# How Much...



## klasdow9009 (Mar 18, 2009)

...do y'all weigh???

I'd love to know...


----------



## Tau (Mar 18, 2009)

LOL! Why do you want to know how much people weigh? Just curious to find out what you're going to do with that information. And in response to your question I'm 111kgs.


----------



## sugarmoore (Mar 18, 2009)

i just went to the doctors last week! lol 397 lbs


----------



## Victim (Mar 18, 2009)

I'm currently 265. Hard yet?


----------



## sobie18 (Mar 18, 2009)

240 lbs 

not too shabby...


----------



## Rahero2k3 (Mar 18, 2009)

I haven't weighed myself in a while but Im between 140 and 150.


----------



## Rahero2k3 (Mar 18, 2009)

I haven't weighed myself in a while but Im between 140 and 150.


----------



## Hole (Mar 18, 2009)

I weighed myself today.132 pounds.


----------



## jac1974kra (Mar 18, 2009)

237 lbs. 40 lbs more in march last year.


----------



## Totmacher (Mar 18, 2009)

I'm 8.5 slugs, give or take.


----------



## Tracii (Mar 18, 2009)

1/2 of me is 120.


----------



## Cors (Mar 18, 2009)

As much as your penis.


----------



## Allie Cat (Mar 19, 2009)

OVER NINE THOUSAAAAND


----------



## Rowan (Mar 19, 2009)

Cors said:


> As much as your penis.



LOL...niiiiiiice


----------



## Rowan (Mar 19, 2009)

Myself...I do weigh more than I should, but thankfully not more than i do.


----------



## Wild Zero (Mar 19, 2009)

Considering that not everyone on the boards discloses their exact weight and lurkers often give no indication of whether they're fat or not it'd be impossible to speculate with any accuracy how much y'all of us weigh.
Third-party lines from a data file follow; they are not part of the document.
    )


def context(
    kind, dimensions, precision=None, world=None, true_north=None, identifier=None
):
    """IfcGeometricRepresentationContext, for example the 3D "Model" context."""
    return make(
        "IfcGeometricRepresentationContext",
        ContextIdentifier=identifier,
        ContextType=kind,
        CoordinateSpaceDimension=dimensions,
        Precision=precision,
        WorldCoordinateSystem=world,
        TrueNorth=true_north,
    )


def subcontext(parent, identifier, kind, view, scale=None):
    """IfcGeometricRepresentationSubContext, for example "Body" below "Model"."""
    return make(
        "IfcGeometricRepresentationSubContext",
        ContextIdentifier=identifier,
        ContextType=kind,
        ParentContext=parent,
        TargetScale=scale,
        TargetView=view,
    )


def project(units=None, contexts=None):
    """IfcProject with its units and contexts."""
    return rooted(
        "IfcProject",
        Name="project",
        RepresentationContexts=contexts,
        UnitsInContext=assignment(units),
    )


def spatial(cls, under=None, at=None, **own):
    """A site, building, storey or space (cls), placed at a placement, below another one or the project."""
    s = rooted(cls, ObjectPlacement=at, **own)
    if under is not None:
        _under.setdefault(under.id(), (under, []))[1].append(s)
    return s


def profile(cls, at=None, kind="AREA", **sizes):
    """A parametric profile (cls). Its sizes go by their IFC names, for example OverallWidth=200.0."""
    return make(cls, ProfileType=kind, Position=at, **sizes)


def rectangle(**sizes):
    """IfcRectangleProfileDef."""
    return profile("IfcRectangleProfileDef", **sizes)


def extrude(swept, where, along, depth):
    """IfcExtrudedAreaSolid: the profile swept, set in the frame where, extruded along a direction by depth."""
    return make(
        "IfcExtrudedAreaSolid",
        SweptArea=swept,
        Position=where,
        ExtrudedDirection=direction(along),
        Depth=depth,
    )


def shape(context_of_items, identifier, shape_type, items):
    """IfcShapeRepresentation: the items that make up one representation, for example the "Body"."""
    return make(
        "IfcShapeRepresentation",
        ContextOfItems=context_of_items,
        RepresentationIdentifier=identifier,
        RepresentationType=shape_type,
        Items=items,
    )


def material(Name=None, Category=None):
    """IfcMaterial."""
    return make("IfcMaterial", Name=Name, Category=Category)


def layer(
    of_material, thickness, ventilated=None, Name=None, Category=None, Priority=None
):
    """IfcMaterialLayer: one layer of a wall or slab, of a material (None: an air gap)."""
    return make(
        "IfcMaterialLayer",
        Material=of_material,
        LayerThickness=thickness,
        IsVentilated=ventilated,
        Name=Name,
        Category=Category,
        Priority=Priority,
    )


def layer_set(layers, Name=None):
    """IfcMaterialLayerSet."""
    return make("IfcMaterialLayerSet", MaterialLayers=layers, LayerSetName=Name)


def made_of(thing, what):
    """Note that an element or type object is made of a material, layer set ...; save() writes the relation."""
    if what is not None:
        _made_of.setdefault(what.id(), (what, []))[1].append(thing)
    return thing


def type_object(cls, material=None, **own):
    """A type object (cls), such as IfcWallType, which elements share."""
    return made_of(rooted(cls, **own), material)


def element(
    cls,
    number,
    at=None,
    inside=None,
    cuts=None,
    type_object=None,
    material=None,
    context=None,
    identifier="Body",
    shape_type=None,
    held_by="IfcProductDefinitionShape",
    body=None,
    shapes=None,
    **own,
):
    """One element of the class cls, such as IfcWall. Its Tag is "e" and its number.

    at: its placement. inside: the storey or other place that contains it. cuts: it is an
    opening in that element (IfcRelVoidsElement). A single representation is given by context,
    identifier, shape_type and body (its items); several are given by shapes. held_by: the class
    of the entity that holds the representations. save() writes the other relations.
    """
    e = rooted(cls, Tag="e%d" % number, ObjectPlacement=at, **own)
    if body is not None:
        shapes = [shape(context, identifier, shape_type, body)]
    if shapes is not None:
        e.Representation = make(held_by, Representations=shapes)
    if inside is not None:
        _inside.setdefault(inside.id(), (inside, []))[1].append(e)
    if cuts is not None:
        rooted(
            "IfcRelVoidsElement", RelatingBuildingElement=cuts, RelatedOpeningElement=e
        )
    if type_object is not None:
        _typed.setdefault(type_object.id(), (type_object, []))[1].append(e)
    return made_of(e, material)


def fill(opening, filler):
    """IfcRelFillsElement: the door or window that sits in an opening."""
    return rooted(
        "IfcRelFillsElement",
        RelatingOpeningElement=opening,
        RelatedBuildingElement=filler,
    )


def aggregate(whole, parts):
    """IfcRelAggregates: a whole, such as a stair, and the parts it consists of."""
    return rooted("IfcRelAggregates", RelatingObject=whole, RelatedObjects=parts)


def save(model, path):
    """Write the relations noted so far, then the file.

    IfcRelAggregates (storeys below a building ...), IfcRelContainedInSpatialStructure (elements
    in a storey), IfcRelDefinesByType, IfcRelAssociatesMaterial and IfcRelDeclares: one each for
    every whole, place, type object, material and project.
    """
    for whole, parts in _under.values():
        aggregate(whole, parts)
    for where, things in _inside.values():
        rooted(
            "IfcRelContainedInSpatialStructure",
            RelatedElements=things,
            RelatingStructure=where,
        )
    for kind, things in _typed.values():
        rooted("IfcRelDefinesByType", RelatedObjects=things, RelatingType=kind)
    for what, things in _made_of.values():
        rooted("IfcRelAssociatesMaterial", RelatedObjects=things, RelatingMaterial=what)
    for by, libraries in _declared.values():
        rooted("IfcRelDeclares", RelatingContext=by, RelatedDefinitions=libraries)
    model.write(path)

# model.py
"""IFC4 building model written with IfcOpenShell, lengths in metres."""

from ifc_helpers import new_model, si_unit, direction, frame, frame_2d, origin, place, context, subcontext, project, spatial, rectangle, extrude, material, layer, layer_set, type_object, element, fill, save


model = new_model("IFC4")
Going with the Price is Right method Divals is probably closest to the actual weight of y'all of us combined. Although I'm not sure how Saiyan power readings convert to pounds, kilograms or slugs.


----------



## Victim (Mar 19, 2009)

We know we weigh enough when we step on a scale and it explodes like a Saiyan scanner.

Hey, now packing away the pizza can be 'powering up'.


----------



## Wild Zero (Mar 19, 2009)

Would Broly be a SSBHM?


----------



## Victim (Mar 19, 2009)

Yajirobe might qualify. I wonder if he is going to be in the live action movie?


----------



## Minerva_08 (Mar 19, 2009)

Rowan said:


> Myself...I do weigh more than I should, but thankfully not more than i do.



Holy crap, that was such a Willy Wonka type of quote!


----------



## Minerva_08 (Mar 19, 2009)

I'm down to about 202


----------



## shazz2602 (Mar 19, 2009)

im about 40 stone these days so thats 560lbs


----------



## TheIceManVer2.0 (Mar 20, 2009)

211 lbs...


----------



## circeenoir (Mar 20, 2009)

369...:eat1:


----------



## shin_moyseku (Mar 20, 2009)

200 lbs here


----------



## Your Plump Princess (Mar 21, 2009)

*Cors*, I Must Spread Rep before giving you anymore. But That Post was Freaking Fantastic!


On Topic:


More than a bouncy ball, less than an airplane


----------



## KnottyOne (Mar 21, 2009)

Your Plump Princess said:


> *Cors*,
> 
> On Topic:
> 
> ...



What about a bouncy airplane?


----------



## biackrlng (Mar 21, 2009)

JUSt got off the scale 148 here


----------



## Haunted (Mar 21, 2009)

Tracii said:


> 1/2 of me is 120.



Which Half


----------



## Adamantoise (Mar 21, 2009)

I have no idea. Last time I checked,I was about 230lbs +....


----------



## The Fez (Mar 21, 2009)

169 lbs, as far as I know.


----------



## Tracii (Mar 22, 2009)

Haunted its my top half you big silly.:kiss2:


----------



## olwen (Mar 22, 2009)

Wild Zero said:


> Considering that not everyone on the boards discloses their exact weight and lurkers often give no indication of whether they're fat or not it'd be impossible to speculate with any accuracy how much y'all of us weigh.
> 
> Going with the Price is Right method Divals is probably closest to the actual weight of y'all of us combined. Although I'm not sure how Saiyan power readings convert to pounds, kilograms or slugs.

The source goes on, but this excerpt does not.